I recently had the privilege of reviewing internal award nominations. In a secret duel of persuasion, hundreds of employees seized the opportunity to outboast their colleagues in boasting about their colleagues. Letterhead was prepared, anecdotes collected, and thesaureses consulted.1

While the review process on the whole was a charming experience, the sheer volume of submissions made the work somewhat tedious. The word count ran into the tens of thousands. Each nomination required a human’s careful perusal, but it wasn’t long before I was imagining a more programmatic approach. That meant R, and that meant tidytext.

For reference, each submission looked like this:

[submission metadata]

Your First Name: Lorum ipsum

Your Last Name: Lorum ipsum

Your Email: Lorum ipsum

Nominee’s First Name: Lorum ipsum

Nominee’s Last Name: Lorum ipsum

Nomination Statement: Lorum ipsum blah blah

My plan was this: read the folders of PDFs into R, scrape and tidy the text, and calculate a winner based on a formula that weighs total nominations, total words, and total positive words. The nominations came in a zip file, with sub-directories of each nominee, and then PDFs of the nomination submissions within the sub-directories.
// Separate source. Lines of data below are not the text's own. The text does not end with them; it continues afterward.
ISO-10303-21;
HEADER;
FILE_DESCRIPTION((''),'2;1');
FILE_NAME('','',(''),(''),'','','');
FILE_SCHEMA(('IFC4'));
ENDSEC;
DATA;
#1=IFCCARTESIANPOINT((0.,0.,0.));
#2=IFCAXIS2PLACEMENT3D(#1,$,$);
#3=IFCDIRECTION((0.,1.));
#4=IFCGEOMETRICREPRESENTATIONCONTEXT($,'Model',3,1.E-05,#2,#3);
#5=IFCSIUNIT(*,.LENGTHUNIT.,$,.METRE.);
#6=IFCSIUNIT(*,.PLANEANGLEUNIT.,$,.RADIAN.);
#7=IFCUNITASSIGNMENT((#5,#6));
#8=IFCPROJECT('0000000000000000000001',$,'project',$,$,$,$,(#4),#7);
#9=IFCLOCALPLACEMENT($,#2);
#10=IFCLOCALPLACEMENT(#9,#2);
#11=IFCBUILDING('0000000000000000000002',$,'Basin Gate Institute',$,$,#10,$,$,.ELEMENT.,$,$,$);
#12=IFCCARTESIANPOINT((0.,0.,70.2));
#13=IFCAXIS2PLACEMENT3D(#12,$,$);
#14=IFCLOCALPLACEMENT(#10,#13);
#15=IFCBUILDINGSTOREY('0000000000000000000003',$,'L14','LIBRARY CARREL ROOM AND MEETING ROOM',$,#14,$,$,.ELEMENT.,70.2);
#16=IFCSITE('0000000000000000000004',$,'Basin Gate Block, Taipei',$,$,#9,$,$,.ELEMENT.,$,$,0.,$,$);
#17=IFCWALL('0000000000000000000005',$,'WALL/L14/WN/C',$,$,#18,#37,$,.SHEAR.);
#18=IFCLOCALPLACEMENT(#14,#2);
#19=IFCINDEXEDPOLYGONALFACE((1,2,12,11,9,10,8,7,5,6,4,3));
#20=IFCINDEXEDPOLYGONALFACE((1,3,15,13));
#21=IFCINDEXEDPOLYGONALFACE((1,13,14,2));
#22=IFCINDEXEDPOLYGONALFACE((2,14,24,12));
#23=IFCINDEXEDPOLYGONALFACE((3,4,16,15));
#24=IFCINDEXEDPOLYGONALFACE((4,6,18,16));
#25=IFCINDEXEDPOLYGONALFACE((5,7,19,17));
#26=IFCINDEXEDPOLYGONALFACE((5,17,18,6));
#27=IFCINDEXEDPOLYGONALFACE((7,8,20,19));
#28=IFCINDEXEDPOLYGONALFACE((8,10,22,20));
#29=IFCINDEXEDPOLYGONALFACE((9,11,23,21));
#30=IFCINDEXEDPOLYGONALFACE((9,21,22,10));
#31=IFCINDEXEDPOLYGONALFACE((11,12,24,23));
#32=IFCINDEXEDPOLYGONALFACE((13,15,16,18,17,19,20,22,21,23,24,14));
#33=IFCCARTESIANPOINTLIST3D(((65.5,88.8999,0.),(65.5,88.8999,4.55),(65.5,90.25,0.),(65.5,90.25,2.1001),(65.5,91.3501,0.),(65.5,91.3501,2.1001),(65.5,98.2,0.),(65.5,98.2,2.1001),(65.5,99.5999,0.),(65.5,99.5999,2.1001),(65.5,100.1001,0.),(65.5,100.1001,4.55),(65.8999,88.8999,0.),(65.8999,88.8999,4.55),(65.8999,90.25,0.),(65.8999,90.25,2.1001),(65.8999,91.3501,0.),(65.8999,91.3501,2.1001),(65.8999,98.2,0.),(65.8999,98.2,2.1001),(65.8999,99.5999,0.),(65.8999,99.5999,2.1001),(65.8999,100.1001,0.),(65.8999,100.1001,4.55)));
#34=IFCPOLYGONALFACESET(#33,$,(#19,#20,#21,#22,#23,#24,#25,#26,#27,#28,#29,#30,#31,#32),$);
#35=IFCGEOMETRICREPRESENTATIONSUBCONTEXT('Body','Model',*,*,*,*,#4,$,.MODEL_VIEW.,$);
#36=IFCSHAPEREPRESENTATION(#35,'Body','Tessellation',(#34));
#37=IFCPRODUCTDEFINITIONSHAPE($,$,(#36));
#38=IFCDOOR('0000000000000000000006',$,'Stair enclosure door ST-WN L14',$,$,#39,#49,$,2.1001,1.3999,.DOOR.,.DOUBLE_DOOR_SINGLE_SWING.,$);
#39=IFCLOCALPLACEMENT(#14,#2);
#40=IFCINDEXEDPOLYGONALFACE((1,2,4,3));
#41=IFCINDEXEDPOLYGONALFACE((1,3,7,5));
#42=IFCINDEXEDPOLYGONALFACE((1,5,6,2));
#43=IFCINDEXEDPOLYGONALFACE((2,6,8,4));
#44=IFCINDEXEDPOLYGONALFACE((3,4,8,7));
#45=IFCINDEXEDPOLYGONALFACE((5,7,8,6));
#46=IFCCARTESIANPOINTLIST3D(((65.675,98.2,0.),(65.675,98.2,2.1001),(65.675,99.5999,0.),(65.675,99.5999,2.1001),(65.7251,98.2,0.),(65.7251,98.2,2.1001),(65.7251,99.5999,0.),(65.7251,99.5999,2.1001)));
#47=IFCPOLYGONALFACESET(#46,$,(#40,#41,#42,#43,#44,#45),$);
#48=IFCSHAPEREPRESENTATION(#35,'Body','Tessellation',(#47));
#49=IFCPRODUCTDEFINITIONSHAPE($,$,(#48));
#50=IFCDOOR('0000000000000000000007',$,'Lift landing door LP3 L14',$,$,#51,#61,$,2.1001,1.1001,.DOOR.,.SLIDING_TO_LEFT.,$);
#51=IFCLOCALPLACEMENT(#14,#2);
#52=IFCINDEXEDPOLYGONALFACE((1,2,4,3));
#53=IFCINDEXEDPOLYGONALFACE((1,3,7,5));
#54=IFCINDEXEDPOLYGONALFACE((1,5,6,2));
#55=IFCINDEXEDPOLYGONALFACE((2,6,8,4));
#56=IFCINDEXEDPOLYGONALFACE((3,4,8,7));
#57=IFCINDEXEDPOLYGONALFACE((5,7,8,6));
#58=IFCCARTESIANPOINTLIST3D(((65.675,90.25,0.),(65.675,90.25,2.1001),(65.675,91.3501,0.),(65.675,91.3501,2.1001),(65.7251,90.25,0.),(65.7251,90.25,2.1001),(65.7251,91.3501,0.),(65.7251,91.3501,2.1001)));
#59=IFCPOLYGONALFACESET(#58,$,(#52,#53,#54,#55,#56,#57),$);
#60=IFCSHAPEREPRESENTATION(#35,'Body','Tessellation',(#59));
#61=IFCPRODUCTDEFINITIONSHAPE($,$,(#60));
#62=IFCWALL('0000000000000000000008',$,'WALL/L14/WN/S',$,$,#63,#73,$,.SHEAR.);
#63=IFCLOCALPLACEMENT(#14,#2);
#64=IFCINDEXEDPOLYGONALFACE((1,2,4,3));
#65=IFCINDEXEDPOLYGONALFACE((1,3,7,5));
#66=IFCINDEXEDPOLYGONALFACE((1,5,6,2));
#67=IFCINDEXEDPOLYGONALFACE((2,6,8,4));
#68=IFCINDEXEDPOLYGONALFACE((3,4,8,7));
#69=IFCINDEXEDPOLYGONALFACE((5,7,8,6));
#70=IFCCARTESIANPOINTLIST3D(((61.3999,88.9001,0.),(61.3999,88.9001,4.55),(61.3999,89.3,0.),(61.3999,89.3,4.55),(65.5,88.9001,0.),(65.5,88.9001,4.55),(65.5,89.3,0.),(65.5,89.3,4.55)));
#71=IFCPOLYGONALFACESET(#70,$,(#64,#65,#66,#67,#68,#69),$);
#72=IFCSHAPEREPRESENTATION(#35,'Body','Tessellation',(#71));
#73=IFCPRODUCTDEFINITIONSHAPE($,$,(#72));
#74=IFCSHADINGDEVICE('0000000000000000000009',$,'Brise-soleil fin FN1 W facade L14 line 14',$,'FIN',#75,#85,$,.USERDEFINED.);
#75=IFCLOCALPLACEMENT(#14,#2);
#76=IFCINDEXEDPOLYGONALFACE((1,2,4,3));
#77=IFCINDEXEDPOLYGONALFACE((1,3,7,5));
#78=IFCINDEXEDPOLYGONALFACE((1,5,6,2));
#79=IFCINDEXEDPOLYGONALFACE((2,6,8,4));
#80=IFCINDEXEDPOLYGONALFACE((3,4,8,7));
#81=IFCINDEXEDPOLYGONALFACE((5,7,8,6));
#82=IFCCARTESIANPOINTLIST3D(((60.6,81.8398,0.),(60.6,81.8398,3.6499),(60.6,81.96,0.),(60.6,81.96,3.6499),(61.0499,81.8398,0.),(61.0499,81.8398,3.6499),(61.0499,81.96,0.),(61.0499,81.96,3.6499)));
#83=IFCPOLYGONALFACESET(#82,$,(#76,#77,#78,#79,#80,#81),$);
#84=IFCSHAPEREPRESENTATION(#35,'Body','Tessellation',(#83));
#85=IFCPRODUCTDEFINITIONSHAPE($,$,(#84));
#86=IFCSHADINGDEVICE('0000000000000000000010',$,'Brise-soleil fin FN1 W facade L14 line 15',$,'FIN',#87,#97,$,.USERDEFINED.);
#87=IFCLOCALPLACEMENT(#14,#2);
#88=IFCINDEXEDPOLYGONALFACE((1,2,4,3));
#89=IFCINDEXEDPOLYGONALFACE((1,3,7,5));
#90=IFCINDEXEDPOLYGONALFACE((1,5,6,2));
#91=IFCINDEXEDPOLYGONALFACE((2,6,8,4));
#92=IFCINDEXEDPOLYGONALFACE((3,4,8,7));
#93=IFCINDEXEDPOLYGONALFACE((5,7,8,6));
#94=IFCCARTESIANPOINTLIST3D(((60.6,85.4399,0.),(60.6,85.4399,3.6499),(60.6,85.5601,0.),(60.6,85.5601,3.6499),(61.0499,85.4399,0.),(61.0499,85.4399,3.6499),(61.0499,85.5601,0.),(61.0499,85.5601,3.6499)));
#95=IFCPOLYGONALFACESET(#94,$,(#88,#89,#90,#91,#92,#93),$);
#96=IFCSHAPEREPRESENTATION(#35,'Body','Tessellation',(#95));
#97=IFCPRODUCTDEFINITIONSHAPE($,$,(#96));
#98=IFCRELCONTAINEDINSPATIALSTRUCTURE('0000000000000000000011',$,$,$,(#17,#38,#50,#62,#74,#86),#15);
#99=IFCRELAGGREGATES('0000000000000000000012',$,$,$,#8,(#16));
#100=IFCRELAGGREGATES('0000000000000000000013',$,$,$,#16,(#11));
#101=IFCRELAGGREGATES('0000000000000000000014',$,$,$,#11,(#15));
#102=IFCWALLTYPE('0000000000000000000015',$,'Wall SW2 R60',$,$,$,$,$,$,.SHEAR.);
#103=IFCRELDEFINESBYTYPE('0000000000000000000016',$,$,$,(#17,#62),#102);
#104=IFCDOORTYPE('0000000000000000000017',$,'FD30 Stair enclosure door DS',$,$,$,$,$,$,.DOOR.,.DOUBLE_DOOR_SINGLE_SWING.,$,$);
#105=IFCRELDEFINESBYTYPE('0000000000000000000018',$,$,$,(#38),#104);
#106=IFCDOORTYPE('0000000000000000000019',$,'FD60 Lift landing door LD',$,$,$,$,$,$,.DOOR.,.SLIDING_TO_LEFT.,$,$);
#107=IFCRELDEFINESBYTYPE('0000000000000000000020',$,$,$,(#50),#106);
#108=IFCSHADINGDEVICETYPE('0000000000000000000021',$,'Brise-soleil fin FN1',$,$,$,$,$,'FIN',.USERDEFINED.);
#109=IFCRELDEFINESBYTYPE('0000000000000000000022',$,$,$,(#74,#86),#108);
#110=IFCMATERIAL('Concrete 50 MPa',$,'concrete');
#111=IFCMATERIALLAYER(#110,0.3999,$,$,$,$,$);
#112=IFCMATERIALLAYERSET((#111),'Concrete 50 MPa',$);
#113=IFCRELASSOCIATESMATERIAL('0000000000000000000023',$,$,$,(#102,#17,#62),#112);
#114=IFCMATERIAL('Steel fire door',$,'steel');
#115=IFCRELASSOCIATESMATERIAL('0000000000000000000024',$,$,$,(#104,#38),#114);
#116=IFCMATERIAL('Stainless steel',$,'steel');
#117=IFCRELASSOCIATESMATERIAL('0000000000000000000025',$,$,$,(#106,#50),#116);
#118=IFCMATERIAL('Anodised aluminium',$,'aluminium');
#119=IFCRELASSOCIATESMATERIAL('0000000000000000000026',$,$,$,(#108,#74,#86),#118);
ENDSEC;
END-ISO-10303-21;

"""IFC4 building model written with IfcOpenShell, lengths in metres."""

from ifc_helpers import new_model, si_unit, direction, frame, frame_2d, origin, origin_2d, place, context, subcontext, project, spatial, rectangle, extrude, material, layer, layer_set, type_object, element, fill, save


model = new_model("IFC4")

# Units and contexts
model_context = context("Model", 3, precision=1e-05, world=origin(), true_north=direction((0.0, 1.0)))
body_context = subcontext(model_context, "Body", "Model", "MODEL_VIEW")
ifc_project = project(units=[si_unit("LENGTHUNIT", "METRE"), si_unit("PLANEANGLEUNIT", "RADIAN")], contexts=[model_context])

# Site, building, storey
site_placement = place(None, origin())
site = spatial("IfcSite", under=ifc_project, at=site_placement, Name="Basin Gate Block, Taipei", CompositionType="ELEMENT", RefElevation=0.0)
building_placement = place(site_placement, origin())
building = spatial("IfcBuilding", under=site, at=building_placement, Name="Basin Gate Institute", CompositionType="ELEMENT")
storey_placement = place(building_placement, frame((0.0, 0.0, 70.2)))
storey = spatial("IfcBuildingStorey", under=building, at=storey_placement, Name="L14", Description="LIBRARY CARREL ROOM AND MEETING ROOM", CompositionType="ELEMENT", Elevation=70.2)

# Shared definitions
ifc_material_1 = material(Name="Concrete 50 MPa", Category="concrete")
ifc_layer_1 = layer(ifc_material_1, 0.3999)
ifc_layer_set_1 = layer_set([ifc_layer_1], Name="Concrete 50 MPa")
wall_type_1 = type_object("IfcWallType", Name="Wall SW2 R60", PredefinedType="SHEAR", material=ifc_layer_set_1)

# Wall, openings, doors
wall_1_placement = place(storey_placement, frame((65.7, 88.8999, 0.0), z_axis=(0.0, 0.0, 1.0), x_axis=(0.0, 1.0, 0.0)))
wall_1 = element("IfcWall", 1, at=wall_1_placement, inside=storey, type_object=wall_type_1, material=ifc_layer_set_1, Name="WALL/L14/WN/C", PredefinedType="SHEAR", context=body_context, shape_type="SweptSolid", body=[
    extrude(rectangle(XDim=11.2002, YDim=0.3999, at=frame_2d((5.6001, 0.0))), origin(), (0.0, 0.0, 1.0), 4.55),
])
opening_1_placement = place(wall_1_placement, frame((9.3, 0.0, 0.0)))
opening_1 = element("IfcOpeningElement", 2, at=opening_1_placement, cuts=wall_1, PredefinedType="OPENING", context=body_context, shape_type="SweptSolid", body=[
    extrude(rectangle(XDim=1.3999, YDim=2.1001, at=frame_2d((0.7, 1.05))), frame((0.0, 0.21, 0.0), z_axis=(0.0, -1.0, 0.0), x_axis=(1.0, 0.0, 0.0)), (0.0, 0.0, 1.0), 0.4199),
])
opening_2_placement = place(wall_1_placement, frame((1.3501, 0.0, 0.0)))
opening_2 = element("IfcOpeningElement", 3, at=opening_2_placement, cuts=wall_1, PredefinedType="OPENING", context=body_context, shape_type="SweptSolid", body=[
    extrude(rectangle(XDim=1.1001, YDim=2.1001, at=frame_2d((0.55, 1.05))), frame((0.0, 0.21, 0.0), z_axis=(0.0, -1.0, 0.0), x_axis=(1.0, 0.0, 0.0)), (0.0, 0.0, 1.0), 0.4199),
])
ifc_material_2 = material(Name="Steel fire door", Category="steel")
door_type_1 = type_object("IfcDoorType", Name="FD30 Stair enclosure door DS", OperationType="DOUBLE_DOOR_SINGLE_SWING", PredefinedType="DOOR", material=ifc_material_2)
door_1_placement = place(opening_1_placement, origin())
door_1 = element("IfcDoor", 4, at=door_1_placement, inside=storey, type_object=door_type_1, material=ifc_material_2, Name="Stair enclosure door ST-WN L14", OperationType="DOUBLE_DOOR_SINGLE_SWING", OverallHeight=2.1001, OverallWidth=1.3999, PredefinedType="DOOR", context=body_context, shape_type="SweptSolid", body=[
    extrude(rectangle(XDim=1.3999, YDim=2.1001, at=frame_2d((0.7, 1.05))), frame((0.0, 0.0249, 0.0), z_axis=(0.0, -1.0, 0.0), x_axis=(1.0, 0.0, 0.0)), (0.0, 0.0, 1.0), 0.05),
])
fill(opening_1, door_1)
ifc_material_3 = material(Name="Stainless steel", Category="steel")
door_type_2 = type_object("IfcDoorType", Name="FD60 Lift landing door LD", OperationType="SLIDING_TO_LEFT", PredefinedType="DOOR", material=ifc_material_3)
door_2_placement = place(opening_2_placement, origin())
door_2 = element("IfcDoor", 5, at=door_2_placement, inside=storey, type_object=door_type_2, material=ifc_material_3, Name="Lift landing door LP3 L14", OperationType="SLIDING_TO_LEFT", OverallHeight=2.1001, OverallWidth=1.1001, PredefinedType="DOOR", context=body_context, shape_type="SweptSolid", body=[
    extrude(rectangle(XDim=1.1001, YDim=2.1001, at=frame_2d((0.55, 1.05))), frame((0.0, 0.0249, 0.0), z_axis=(0.0, -1.0, 0.0), x_axis=(1.0, 0.0, 0.0)), (0.0, 0.0, 1.0), 0.05),
])
fill(opening_2, door_2)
I began by unzipping the PDFs and ingesting the text:


unzip("Award Nominations.zip")
unlink("Award Nominations.zip")

nom_files <- dir(full.names = TRUE, recursive = TRUE) 

nom_subs <- nom_files %>% 
  map(pdf_text) %>% 
  map(function(x) {
    stringr::str_replace_all(paste(x, collapse = ""), "[\r\n]", "")
  }) %>% 
  map_chr(function(x) {
    stringr::str_extract(x, "(?<=Statement).*$")
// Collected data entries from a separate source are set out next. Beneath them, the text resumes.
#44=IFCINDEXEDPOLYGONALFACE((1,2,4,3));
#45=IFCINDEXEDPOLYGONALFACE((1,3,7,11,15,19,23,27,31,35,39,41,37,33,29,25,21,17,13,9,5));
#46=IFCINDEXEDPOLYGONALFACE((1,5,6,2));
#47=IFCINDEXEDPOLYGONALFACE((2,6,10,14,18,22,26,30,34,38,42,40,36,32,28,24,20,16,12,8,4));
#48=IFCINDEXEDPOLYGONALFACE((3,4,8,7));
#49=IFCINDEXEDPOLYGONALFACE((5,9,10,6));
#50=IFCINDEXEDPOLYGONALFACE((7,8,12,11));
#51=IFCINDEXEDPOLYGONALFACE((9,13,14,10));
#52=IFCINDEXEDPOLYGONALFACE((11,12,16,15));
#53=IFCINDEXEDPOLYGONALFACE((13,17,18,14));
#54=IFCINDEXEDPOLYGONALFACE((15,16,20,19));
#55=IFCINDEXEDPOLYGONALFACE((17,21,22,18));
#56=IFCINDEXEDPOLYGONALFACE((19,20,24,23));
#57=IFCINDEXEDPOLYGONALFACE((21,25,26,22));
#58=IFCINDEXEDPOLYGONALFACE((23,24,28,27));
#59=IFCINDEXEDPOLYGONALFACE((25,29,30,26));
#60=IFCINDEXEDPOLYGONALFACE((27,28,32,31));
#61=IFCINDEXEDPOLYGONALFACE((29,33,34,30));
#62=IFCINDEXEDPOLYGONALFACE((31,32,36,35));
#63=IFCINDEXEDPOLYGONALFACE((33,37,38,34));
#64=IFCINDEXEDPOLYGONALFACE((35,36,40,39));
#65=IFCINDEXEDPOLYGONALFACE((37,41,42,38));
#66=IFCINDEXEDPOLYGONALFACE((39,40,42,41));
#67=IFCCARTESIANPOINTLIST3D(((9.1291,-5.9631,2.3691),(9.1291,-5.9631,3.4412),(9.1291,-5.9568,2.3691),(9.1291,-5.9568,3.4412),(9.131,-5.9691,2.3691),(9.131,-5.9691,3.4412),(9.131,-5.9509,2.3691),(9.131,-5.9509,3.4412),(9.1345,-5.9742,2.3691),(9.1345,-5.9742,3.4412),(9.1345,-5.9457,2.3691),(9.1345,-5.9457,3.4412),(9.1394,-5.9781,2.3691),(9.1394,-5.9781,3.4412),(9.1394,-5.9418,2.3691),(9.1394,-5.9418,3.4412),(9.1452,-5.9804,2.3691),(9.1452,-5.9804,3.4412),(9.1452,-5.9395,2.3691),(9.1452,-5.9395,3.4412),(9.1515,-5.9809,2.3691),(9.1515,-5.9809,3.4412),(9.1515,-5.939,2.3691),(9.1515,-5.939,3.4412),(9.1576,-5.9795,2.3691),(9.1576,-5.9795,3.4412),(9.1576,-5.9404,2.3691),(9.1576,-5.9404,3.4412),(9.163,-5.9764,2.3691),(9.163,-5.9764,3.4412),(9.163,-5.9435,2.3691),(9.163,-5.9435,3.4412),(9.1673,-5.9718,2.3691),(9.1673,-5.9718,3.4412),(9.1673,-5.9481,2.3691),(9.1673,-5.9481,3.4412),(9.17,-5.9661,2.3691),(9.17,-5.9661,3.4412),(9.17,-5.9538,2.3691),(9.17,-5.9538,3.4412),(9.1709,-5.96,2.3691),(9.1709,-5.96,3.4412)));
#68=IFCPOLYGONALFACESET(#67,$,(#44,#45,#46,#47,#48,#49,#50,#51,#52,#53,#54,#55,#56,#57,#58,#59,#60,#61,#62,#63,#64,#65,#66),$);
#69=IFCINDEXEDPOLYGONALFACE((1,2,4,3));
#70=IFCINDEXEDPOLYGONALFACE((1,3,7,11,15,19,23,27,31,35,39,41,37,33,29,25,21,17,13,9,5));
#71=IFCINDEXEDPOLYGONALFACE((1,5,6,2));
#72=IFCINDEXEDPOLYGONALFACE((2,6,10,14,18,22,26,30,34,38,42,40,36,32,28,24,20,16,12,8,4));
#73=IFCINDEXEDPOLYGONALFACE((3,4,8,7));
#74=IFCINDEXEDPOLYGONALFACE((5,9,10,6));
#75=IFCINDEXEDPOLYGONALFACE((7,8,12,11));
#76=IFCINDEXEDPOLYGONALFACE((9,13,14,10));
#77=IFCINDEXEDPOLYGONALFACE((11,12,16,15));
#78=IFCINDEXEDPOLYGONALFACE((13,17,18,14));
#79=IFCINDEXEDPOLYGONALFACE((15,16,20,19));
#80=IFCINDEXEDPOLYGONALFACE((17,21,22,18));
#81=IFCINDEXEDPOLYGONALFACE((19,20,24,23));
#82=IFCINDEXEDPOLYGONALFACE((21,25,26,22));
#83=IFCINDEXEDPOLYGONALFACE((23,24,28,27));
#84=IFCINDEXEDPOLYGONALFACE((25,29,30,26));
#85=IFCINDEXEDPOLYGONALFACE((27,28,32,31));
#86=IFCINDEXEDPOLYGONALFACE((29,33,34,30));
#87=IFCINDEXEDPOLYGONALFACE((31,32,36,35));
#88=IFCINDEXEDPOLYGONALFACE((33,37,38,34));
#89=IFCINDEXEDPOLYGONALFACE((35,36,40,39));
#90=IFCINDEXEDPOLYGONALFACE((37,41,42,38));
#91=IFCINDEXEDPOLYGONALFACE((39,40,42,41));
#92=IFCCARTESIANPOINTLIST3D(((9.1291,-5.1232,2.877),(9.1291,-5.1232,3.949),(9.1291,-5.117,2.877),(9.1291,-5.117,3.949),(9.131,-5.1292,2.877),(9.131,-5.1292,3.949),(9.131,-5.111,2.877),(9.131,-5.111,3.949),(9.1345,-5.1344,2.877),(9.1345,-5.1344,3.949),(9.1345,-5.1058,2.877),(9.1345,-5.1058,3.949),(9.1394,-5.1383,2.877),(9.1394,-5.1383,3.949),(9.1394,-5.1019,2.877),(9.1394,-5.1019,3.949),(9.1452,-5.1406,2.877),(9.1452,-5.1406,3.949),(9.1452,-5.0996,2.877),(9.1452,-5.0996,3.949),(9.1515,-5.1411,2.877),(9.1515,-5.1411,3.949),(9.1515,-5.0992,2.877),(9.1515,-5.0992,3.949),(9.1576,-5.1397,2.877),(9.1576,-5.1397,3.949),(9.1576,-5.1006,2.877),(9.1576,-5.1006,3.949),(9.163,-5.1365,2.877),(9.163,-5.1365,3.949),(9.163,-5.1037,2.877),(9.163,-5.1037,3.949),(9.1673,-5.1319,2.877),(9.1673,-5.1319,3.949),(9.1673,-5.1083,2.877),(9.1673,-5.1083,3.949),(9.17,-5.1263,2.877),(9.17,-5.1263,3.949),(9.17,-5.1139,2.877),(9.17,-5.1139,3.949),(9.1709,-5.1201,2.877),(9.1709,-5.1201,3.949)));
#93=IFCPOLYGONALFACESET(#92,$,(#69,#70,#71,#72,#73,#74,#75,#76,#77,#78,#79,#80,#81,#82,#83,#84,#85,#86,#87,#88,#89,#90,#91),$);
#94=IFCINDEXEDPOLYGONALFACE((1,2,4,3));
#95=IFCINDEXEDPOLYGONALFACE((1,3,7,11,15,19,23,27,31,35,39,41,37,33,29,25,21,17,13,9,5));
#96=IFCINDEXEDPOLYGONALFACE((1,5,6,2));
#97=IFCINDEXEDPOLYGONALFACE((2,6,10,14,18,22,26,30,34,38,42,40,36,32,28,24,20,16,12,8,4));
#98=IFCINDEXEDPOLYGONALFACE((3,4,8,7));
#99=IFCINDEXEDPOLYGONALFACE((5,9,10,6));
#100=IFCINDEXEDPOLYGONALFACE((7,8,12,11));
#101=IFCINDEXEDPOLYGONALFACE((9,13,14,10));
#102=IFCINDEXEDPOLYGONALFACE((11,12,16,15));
nom_names <- str_extract(nom_files, "\\/(.*)\\/")
nom_names <- str_replace_all(nom_names, "\\/", "")

The relevant text occurs after “Statement:”, so I was only interested in the text after that point. nom_names is derived from the file paths.

Now the show begins. Below I: (1) build the nominations_df data frame; (2) calculate the number of nominations per employee, (3) unnest the words; (4) total the words, positive words, and calculate the positive word ratio and nomination score; and (5) order the data frame by nomination score. When this runs, I’ll see our winner!

nominations_df <- tibble(
  nomination_name = nom_names,
  nomination_text = nom_subs
) %>% 
  group_by(nomination_name) %>% 
  mutate(nominations = n()) %>% 
  ungroup() %>%
  unnest_tokens(word, nomination_text) %>% 
  filter(!grepl("[0-9]", word)) %>% 
  mutate(positive_word = if_else(word %in% (get_sentiments("bing") %>% 
                                   filter(sentiment == "positive") %>% 
                                 TRUE, FALSE)) %>% 
  group_by(nomination_name) %>% 
  mutate(total_nomination_words = n(),
         total_positive_words = sum(positive_word),
         positive_word_ratio = round(total_positive_words/total_nomination_words, 2),
         nomination_score = round(nominations^1.5 + (total_nomination_words * positive_word_ratio), 2)) %>% 
nominations_df %>% 
  distinct(nominee_name, nominee_score) %>% 

I wanted the nomination score formula to weigh number of submissions more heavily than total words. For example, I am more impressed by three people writing 100 words each than I am by one person writing 300 words. And while fraught with ambiguities, I like having the positive word ratio as a coefficient of total words. Thus, this formula rewards nominees with multiple nominators who both wrote a lot and wrote positively.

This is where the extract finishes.